# idea for smoking my bacon



## ldrus (Feb 13, 2012)

since i live in northwest indiana  it is pretty cold out  so my thinking for cold smoking my bacon in my MES and keeping temps above freezing  i will  put a 75 watt light bulb in there  that should keep it just warm enough  maybe 50 deg will  experiment with this tomorrow

any one try this before???


----------



## JckDanls 07 (Feb 13, 2012)

haven't tried the bulb trick in a smoker but I do keep one in my welding rod humidor and it keeps it pretty hot,,,  will be interesting to see how it does in a smoker...  If to hot go with a smaller bulb and vice versa..


----------



## ldrus (Feb 14, 2012)

75watt light been in smoker for 3hrs now  temp on the MES says 69deg  was 41 when i started it . letting it run all night will see where its at in the am


----------



## smokinhusker (Feb 14, 2012)

Nice idea...waiting to find out the final results.

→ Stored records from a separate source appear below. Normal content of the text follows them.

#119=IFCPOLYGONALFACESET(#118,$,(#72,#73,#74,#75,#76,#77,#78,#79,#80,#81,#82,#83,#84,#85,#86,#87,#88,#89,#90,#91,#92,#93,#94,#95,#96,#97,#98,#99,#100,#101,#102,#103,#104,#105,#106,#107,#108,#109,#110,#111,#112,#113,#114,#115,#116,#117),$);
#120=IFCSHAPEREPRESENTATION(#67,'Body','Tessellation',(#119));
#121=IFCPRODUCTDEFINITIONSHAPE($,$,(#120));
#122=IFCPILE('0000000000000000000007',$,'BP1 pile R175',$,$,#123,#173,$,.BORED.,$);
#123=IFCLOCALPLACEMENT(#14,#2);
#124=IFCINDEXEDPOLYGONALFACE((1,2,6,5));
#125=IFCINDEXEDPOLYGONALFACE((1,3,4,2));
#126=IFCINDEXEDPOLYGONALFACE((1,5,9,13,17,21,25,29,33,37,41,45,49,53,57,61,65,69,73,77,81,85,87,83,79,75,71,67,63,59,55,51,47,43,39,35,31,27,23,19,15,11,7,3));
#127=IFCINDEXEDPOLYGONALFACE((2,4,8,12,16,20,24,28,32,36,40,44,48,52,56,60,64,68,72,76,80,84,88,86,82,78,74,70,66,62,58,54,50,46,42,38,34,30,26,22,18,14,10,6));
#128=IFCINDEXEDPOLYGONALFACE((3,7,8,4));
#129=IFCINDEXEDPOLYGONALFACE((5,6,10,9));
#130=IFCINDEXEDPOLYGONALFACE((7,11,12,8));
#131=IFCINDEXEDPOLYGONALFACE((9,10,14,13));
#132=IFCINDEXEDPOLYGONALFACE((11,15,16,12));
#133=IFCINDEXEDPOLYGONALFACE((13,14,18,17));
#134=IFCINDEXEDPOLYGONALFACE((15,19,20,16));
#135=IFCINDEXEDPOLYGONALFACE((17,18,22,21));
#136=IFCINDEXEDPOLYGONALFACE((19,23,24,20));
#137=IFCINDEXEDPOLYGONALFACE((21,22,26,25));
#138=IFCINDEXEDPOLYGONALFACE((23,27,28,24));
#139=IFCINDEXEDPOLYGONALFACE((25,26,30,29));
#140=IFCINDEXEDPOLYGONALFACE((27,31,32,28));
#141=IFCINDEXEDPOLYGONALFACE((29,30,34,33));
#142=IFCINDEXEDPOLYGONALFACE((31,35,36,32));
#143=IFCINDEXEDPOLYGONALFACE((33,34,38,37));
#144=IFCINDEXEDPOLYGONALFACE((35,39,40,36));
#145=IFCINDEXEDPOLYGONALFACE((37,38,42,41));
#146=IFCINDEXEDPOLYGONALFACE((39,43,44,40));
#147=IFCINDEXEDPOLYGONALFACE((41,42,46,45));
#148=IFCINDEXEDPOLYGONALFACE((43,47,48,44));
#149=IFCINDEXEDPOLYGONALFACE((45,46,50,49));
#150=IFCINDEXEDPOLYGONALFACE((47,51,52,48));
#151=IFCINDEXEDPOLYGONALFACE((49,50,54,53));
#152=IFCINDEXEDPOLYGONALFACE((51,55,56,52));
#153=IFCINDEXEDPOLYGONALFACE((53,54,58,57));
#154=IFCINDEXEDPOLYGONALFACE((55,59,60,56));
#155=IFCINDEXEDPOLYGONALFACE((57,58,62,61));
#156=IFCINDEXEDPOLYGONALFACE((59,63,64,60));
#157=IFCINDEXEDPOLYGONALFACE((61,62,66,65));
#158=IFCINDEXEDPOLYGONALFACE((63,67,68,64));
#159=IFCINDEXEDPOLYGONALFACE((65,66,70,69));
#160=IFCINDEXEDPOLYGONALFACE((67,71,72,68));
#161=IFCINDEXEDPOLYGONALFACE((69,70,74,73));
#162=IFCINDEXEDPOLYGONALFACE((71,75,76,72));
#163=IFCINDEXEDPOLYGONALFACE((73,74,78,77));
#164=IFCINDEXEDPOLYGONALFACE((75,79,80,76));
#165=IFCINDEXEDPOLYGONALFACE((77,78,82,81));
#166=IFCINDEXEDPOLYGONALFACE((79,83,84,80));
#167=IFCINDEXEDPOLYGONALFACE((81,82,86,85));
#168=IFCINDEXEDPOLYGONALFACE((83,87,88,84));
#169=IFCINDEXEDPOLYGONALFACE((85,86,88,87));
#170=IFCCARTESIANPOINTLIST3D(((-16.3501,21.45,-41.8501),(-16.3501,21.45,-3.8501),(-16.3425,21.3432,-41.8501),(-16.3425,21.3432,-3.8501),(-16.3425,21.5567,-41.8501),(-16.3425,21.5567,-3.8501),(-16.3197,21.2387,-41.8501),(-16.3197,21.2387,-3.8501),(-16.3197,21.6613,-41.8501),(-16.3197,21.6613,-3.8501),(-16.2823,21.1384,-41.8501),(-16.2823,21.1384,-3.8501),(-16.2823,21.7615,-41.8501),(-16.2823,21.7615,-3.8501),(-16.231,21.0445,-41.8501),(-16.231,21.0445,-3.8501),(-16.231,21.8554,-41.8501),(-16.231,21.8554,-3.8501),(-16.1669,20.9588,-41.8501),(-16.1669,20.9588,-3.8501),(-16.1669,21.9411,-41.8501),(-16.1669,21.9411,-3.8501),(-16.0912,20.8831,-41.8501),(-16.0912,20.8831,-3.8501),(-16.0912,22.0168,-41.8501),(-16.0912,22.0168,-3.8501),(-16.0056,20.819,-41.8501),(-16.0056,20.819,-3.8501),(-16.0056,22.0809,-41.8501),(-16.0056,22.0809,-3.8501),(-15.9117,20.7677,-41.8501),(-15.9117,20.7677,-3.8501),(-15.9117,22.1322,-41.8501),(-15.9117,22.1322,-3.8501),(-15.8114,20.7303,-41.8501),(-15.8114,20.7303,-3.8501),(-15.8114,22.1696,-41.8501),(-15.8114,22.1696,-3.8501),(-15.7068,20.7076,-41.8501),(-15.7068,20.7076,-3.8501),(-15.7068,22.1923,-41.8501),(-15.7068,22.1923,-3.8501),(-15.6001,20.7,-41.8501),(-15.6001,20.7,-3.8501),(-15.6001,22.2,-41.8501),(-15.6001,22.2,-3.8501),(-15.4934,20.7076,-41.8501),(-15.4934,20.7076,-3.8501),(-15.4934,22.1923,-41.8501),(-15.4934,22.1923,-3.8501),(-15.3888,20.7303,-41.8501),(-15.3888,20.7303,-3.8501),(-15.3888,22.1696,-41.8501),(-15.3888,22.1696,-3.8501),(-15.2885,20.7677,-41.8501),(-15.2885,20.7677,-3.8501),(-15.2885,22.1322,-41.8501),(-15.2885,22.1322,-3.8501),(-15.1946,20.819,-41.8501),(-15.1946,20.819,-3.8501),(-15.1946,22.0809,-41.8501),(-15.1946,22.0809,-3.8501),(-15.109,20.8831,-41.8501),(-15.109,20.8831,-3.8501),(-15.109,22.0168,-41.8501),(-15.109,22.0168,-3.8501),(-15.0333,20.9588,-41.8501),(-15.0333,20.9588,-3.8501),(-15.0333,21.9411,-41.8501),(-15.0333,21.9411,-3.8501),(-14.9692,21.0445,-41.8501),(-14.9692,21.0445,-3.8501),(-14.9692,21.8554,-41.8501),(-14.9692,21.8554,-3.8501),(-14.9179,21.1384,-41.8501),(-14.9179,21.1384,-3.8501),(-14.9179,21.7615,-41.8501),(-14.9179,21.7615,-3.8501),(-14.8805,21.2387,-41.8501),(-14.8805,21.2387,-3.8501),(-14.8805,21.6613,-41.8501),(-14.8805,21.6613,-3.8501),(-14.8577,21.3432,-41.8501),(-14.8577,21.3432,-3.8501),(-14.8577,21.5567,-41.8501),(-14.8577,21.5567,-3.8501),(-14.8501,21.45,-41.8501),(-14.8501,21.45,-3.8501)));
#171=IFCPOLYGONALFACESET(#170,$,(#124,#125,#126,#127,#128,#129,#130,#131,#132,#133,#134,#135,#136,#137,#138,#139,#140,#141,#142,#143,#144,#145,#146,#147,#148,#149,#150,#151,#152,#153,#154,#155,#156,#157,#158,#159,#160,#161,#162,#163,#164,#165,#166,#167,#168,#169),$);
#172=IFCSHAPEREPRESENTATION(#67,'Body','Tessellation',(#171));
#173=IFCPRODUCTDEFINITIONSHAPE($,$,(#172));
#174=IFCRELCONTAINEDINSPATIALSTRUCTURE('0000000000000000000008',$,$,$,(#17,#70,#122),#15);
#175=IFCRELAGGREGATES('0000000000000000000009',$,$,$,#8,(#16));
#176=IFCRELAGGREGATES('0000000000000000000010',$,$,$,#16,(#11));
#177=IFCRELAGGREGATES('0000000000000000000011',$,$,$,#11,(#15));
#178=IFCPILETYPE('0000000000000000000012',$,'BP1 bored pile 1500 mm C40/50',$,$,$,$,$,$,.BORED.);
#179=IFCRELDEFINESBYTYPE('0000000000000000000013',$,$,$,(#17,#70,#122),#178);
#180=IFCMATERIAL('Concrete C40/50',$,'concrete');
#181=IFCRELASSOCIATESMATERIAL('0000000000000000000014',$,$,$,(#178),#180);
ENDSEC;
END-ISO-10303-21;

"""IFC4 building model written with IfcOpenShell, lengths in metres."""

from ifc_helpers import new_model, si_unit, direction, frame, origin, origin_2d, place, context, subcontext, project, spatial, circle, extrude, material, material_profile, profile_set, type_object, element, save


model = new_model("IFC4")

I live at 8500 ft in Colorado and I just turn the MES on at 100* for a few minutes then shut it down, but I've never cold smoked later than 7 PM.


----------



## SmokinAl (Feb 15, 2012)

That sounds like a great idea!


----------



## ldrus (Feb 16, 2012)

got home from work last night  checked temps  outside temp was 40ish my smoker temp was 86 deg.  cant wait for friday !!!!!!!!


----------



## graystratcat (Feb 16, 2012)

Hey lkrus, not sure if you plan on using a pellet or dust smoker for your cold smoke but just keep in mind it will add heat as well as the light bulb.  Not sure if you had your dust/pellet smoker going when you did your test....just something to consider....

-Salt


----------



## strummer (Feb 16, 2012)

I use a 75 watt light bulb for my dry sausage . It's in a old up right freezer . I also have 2 fans to keep the air moving . I'm in south Texas so cold is never a problem .


----------



## africanmeat (Feb 16, 2012)

SmokinAl said:


> That sounds like a great idea!


 yes i agree


----------



## ldrus (Feb 16, 2012)

GrayStratCat said:


> Hey lkrus, not sure if you plan on using a pellet or dust smoker for your cold smoke but just keep in mind it will add heat as well as the light bulb.  Not sure if you had your dust/pellet smoker going when you did your test....just something to consider....
> 
> -Salt




yes going to use my AMNPS and no i didnt have it going during my test but had thought about the added heat  thinking about dropping down to  40 watt bulb???? thanks for the heads up though


----------



## scarbelly (Feb 16, 2012)

If you use it with dust you won't have much of a temp change at all - the pellets might get ya 10* or so with those external temps would be my guess.


----------



## ldrus (Feb 16, 2012)

pellets!!


----------



## roller (Feb 16, 2012)




----------